Hemorrhagic blisters often form at the site of the bite digits but may occur at any bite location or even in dependent areas distant from the bite. These blisters usually do not appear until hours after the bite. The tissue beneath these blisters is usually healthy, although large blisters can cause necrosis in their underlying tissue.2
Coagulopathy, thrombocytopenia, or a combination of the two may be present despite a paucity of other local or systemic effects. A decrease in platelet count, as well as decrease in fibrinogen with elevation of prothrombin time (PT), may be mild or moderate initially and may either remain so or continue to worsen for several days following the envenomation.2 The standard antivenom treatment can reduce these toxic hemorrhagic and neurotoxic effects.6‐8 However, early usage of antivenom following a snakebite showed a trend toward a better local outcome within 12 hours. The prophylactic use of antibiotics was still controversial.7
It should be noted that wound infections caused by snakebites if left untreated in a timely manner can lead to complications such as necrotizing fasciitis, compartment syndrome, or superimposed bacterial infection, which require hospitalization, the use of broad‐spectrum antibiotics, and emergency surgical procedures; and since blisters usually do not appear until hours after the bite. Consequently, in patients who had topical edema and swelling along with hemorrhagic or nonhemorrhagic blisters with unknown causes, it is recommended that snakebite should be considered a differential diagnosis, particularly in areas where venomous snakes are frequently common.
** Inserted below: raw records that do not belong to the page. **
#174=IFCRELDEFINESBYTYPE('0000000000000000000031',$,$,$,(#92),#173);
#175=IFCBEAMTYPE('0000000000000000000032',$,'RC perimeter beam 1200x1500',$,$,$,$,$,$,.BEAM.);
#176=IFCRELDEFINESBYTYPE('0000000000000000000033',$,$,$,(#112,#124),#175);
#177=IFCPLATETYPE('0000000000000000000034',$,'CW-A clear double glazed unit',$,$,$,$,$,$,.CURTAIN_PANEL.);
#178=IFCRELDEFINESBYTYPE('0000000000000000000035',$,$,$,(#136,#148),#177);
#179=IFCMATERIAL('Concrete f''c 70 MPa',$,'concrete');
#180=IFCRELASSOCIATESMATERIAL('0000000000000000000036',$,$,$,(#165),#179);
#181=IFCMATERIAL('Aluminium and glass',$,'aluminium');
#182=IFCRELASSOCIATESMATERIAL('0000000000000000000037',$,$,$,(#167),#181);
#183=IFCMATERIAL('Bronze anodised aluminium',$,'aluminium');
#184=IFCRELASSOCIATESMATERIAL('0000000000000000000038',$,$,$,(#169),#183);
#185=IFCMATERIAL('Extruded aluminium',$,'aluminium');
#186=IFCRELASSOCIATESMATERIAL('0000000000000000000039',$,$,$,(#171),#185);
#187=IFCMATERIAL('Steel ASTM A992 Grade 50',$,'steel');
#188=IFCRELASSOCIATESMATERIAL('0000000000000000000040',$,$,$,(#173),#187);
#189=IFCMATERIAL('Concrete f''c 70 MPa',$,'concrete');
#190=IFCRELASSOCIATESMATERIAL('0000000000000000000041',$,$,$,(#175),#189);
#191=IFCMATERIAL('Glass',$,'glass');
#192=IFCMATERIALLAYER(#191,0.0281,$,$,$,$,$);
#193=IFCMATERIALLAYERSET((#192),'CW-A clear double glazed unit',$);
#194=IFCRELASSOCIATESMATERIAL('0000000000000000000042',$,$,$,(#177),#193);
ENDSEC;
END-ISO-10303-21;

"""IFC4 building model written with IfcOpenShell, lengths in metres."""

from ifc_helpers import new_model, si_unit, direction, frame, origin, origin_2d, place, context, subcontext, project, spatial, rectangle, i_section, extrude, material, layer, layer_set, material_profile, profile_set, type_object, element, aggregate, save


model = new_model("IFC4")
Published with written consent of the patient.
The authors confirm that this article content has no conflict of interest.
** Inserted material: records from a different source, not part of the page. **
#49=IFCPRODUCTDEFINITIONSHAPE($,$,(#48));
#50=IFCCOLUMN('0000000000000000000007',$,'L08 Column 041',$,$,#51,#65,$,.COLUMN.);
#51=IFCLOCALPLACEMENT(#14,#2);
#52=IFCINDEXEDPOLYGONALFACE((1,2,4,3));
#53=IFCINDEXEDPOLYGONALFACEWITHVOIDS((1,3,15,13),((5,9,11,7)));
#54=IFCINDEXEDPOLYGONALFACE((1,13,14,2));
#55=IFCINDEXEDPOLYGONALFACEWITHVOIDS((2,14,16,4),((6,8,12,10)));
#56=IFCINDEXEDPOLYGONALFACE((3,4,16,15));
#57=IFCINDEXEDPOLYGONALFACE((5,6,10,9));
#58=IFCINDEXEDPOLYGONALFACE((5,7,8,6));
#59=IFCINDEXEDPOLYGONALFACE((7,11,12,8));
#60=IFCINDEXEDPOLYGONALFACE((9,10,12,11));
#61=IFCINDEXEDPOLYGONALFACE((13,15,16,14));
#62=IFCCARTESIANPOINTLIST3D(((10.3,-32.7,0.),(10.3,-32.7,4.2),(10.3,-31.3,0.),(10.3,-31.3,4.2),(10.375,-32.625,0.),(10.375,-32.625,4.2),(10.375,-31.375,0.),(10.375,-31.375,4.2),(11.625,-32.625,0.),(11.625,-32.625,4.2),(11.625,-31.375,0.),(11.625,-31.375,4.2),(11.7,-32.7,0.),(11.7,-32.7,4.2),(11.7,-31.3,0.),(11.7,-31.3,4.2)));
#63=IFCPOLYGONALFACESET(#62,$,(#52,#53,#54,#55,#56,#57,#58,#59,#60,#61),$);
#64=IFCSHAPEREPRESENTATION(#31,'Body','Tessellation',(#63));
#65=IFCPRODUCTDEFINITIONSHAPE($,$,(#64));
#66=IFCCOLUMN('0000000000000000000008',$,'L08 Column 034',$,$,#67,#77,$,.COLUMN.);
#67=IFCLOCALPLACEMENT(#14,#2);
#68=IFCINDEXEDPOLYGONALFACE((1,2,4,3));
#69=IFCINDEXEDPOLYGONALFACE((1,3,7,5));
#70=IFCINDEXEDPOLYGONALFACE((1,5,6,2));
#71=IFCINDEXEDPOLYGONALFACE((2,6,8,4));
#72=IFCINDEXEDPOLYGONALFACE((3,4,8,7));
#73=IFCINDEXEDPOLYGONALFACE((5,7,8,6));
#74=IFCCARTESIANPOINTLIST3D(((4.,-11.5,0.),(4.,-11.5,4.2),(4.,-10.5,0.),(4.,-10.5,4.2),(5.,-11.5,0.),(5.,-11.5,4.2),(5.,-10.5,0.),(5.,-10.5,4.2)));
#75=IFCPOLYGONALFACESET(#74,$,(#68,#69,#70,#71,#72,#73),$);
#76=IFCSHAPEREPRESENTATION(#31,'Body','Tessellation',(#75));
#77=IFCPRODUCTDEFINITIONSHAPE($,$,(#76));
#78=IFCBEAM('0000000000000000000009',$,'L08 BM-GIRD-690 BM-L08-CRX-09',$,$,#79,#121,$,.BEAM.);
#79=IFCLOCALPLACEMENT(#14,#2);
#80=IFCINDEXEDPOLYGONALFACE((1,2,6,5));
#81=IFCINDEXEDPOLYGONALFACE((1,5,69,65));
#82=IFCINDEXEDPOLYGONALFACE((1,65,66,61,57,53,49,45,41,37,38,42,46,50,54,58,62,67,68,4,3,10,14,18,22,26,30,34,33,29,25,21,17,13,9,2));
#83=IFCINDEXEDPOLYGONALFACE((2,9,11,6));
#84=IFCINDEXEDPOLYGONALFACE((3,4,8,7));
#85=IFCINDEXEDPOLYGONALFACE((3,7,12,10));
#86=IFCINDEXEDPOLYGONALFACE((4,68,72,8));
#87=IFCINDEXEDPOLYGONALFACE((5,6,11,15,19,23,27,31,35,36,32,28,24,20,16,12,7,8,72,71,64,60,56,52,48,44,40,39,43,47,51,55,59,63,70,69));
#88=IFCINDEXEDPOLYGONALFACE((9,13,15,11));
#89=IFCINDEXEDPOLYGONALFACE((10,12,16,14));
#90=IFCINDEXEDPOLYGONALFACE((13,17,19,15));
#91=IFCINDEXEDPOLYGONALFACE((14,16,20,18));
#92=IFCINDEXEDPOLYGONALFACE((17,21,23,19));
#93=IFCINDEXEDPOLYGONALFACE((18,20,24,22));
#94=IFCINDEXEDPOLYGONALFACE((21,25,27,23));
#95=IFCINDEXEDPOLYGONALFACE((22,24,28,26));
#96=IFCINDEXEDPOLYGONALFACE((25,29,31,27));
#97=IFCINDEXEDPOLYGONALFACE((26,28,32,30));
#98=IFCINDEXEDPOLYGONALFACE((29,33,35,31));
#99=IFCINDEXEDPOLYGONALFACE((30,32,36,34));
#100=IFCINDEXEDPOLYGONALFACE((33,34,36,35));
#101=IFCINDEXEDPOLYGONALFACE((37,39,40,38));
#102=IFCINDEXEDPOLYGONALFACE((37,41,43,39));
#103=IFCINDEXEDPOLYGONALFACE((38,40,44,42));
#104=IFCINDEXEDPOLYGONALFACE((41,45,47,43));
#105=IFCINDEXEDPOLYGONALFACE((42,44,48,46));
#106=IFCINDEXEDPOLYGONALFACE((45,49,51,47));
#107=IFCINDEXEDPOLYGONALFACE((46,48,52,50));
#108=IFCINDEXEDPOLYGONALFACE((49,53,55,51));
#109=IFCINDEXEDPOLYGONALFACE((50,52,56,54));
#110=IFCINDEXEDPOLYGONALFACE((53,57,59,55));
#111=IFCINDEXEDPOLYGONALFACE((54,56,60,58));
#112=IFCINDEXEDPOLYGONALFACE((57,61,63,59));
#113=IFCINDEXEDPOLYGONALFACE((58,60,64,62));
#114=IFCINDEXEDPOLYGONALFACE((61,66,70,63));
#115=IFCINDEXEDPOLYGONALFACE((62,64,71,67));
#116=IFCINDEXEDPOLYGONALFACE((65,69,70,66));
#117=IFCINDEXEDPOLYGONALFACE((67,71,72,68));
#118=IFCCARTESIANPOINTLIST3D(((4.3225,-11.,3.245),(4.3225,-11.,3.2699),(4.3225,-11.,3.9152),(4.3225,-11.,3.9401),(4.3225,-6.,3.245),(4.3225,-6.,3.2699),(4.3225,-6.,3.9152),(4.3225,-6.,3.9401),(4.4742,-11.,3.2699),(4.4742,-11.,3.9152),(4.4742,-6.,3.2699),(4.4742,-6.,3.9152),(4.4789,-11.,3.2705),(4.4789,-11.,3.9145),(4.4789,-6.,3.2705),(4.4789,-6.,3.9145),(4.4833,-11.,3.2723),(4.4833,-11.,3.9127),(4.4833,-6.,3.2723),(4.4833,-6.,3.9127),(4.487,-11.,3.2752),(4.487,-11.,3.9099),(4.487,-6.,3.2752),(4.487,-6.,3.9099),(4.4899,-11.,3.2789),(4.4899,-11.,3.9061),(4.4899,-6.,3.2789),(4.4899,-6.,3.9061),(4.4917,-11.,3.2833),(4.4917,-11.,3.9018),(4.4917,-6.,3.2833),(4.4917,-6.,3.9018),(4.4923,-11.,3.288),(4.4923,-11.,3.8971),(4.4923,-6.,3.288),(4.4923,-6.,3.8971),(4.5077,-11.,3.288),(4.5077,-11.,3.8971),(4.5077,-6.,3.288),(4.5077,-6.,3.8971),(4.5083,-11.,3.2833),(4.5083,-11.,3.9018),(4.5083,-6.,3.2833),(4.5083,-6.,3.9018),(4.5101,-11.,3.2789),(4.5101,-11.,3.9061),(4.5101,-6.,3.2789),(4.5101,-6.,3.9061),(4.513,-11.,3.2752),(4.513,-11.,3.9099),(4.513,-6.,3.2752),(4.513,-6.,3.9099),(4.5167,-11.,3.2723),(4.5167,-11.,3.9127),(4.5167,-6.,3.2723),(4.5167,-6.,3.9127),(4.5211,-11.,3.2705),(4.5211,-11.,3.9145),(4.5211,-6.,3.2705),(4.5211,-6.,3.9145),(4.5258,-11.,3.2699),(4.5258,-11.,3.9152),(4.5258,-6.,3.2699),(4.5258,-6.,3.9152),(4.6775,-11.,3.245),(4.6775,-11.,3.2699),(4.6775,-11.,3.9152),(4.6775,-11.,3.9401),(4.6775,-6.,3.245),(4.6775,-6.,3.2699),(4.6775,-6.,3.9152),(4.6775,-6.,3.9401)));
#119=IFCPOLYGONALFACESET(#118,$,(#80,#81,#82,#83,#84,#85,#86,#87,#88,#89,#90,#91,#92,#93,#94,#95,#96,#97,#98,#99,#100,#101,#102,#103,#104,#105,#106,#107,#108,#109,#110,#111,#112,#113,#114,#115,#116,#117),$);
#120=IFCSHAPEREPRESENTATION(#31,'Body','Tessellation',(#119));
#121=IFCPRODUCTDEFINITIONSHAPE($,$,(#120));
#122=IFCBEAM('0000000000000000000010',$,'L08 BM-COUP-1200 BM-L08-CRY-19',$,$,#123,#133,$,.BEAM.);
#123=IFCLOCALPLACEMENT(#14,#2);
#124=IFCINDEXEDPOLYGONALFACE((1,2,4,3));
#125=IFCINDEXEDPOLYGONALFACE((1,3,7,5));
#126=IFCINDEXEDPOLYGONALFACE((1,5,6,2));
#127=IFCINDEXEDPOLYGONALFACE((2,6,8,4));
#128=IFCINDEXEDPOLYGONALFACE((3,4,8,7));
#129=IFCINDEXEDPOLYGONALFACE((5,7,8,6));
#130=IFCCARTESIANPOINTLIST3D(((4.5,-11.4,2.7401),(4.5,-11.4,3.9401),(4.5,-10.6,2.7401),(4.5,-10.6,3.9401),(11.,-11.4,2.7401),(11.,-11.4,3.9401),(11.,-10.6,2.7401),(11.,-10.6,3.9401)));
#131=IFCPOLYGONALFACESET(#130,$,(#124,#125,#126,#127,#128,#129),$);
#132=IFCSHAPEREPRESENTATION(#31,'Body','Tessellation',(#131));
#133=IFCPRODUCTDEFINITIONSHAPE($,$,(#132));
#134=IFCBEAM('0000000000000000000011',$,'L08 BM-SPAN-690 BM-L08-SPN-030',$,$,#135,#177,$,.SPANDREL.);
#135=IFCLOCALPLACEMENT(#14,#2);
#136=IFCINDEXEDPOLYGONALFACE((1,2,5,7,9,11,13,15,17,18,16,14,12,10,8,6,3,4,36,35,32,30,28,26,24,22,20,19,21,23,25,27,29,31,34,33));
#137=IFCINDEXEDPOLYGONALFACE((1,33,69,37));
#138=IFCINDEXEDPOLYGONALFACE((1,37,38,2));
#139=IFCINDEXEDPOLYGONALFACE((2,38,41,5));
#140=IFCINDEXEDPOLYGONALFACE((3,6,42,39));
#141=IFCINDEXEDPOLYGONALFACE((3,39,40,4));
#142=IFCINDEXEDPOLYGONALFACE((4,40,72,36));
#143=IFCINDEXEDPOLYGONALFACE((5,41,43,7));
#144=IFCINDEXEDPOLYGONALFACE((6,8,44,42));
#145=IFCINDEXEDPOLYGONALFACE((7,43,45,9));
ZZ: involved in interpretation and collecting of data, and editing the manuscript. LD and AZ: involved in drafting first version of manuscript and editing. MB and MS: involved in writing, editing, and preparing the final version of manuscript. MF: involved in critical revising. RT: is responsible for collecting data and submitting the manuscript. All authors: reviewed the paper and approved the final version of the manuscript.
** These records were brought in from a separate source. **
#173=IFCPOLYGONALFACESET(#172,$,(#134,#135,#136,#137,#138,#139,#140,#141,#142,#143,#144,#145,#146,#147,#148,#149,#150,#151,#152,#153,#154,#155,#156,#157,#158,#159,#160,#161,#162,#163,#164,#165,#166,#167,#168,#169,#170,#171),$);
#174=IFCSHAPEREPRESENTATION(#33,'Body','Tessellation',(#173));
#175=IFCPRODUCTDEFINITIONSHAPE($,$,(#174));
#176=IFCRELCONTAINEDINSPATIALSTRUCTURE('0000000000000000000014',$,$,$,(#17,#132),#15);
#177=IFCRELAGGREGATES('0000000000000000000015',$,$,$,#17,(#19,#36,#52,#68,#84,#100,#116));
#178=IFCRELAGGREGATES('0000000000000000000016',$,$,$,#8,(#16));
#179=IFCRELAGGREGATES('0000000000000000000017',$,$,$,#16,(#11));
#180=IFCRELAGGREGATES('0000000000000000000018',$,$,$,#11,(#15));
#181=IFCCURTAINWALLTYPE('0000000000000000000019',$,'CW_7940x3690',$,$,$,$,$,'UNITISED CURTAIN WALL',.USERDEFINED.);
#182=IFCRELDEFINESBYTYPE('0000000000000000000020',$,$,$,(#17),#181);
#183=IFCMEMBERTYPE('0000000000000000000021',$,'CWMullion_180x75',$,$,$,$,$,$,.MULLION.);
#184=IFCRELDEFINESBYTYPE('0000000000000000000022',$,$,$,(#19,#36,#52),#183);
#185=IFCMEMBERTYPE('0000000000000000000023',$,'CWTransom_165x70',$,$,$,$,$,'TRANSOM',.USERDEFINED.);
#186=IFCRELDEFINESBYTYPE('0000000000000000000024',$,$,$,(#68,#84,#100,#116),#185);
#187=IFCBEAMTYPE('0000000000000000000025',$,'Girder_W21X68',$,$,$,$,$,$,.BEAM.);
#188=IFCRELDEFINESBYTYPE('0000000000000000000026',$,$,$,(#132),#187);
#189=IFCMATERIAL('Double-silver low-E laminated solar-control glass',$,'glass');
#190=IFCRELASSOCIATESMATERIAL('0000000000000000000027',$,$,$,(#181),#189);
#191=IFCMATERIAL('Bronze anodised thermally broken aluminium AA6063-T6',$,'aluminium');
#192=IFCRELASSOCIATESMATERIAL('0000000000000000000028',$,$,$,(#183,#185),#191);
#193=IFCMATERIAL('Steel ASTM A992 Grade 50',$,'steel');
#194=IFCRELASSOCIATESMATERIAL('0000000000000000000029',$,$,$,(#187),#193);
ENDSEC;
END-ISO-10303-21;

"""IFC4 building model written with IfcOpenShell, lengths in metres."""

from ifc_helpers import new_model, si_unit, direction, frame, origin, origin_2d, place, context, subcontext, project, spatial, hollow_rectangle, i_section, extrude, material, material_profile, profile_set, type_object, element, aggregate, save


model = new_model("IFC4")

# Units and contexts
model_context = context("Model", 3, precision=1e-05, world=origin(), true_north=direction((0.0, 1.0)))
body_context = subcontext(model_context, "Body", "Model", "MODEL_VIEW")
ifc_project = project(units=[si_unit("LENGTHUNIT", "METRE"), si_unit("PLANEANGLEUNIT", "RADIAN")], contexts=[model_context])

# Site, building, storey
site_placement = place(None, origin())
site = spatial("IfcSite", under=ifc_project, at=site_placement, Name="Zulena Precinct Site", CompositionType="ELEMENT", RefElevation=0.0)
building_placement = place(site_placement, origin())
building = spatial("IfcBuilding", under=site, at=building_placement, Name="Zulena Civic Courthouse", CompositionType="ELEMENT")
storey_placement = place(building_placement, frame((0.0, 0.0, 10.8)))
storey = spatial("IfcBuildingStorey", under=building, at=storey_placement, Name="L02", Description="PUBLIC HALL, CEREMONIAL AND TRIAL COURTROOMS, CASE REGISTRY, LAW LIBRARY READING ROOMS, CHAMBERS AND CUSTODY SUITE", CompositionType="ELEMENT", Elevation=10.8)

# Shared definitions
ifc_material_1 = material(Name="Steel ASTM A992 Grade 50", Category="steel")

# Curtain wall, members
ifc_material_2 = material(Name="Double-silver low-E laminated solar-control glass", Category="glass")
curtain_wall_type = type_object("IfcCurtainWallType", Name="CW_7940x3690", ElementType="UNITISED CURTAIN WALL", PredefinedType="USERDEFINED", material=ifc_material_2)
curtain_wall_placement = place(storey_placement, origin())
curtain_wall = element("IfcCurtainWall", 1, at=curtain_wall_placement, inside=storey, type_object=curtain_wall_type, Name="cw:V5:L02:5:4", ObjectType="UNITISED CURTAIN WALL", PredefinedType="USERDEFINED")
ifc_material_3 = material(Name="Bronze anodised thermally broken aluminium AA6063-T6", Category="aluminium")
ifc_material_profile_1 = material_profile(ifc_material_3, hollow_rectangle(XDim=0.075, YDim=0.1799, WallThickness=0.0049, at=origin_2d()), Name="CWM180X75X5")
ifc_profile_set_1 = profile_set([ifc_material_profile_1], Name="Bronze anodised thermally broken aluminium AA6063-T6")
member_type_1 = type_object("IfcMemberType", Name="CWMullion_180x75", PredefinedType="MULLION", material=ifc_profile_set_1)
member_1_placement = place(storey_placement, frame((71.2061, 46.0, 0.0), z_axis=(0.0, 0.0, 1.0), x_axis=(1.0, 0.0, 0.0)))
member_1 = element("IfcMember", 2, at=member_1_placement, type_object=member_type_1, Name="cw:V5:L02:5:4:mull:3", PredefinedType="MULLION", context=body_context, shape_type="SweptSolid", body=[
This study was conducted according to the declaration of Helsinki principles. Also, CARE guidelines and methodology have been followed in this study. Written consent for publication of this case report was obtained from the patient.
This research was reviewed and approved by the research ethics committee of Mazandaran University of Medical Sciences (IR.MAZUMS.REC.1399.134). The patient wrote the informed consent for participating in this study.
The data are available with the corresponding author and can be achieved on request.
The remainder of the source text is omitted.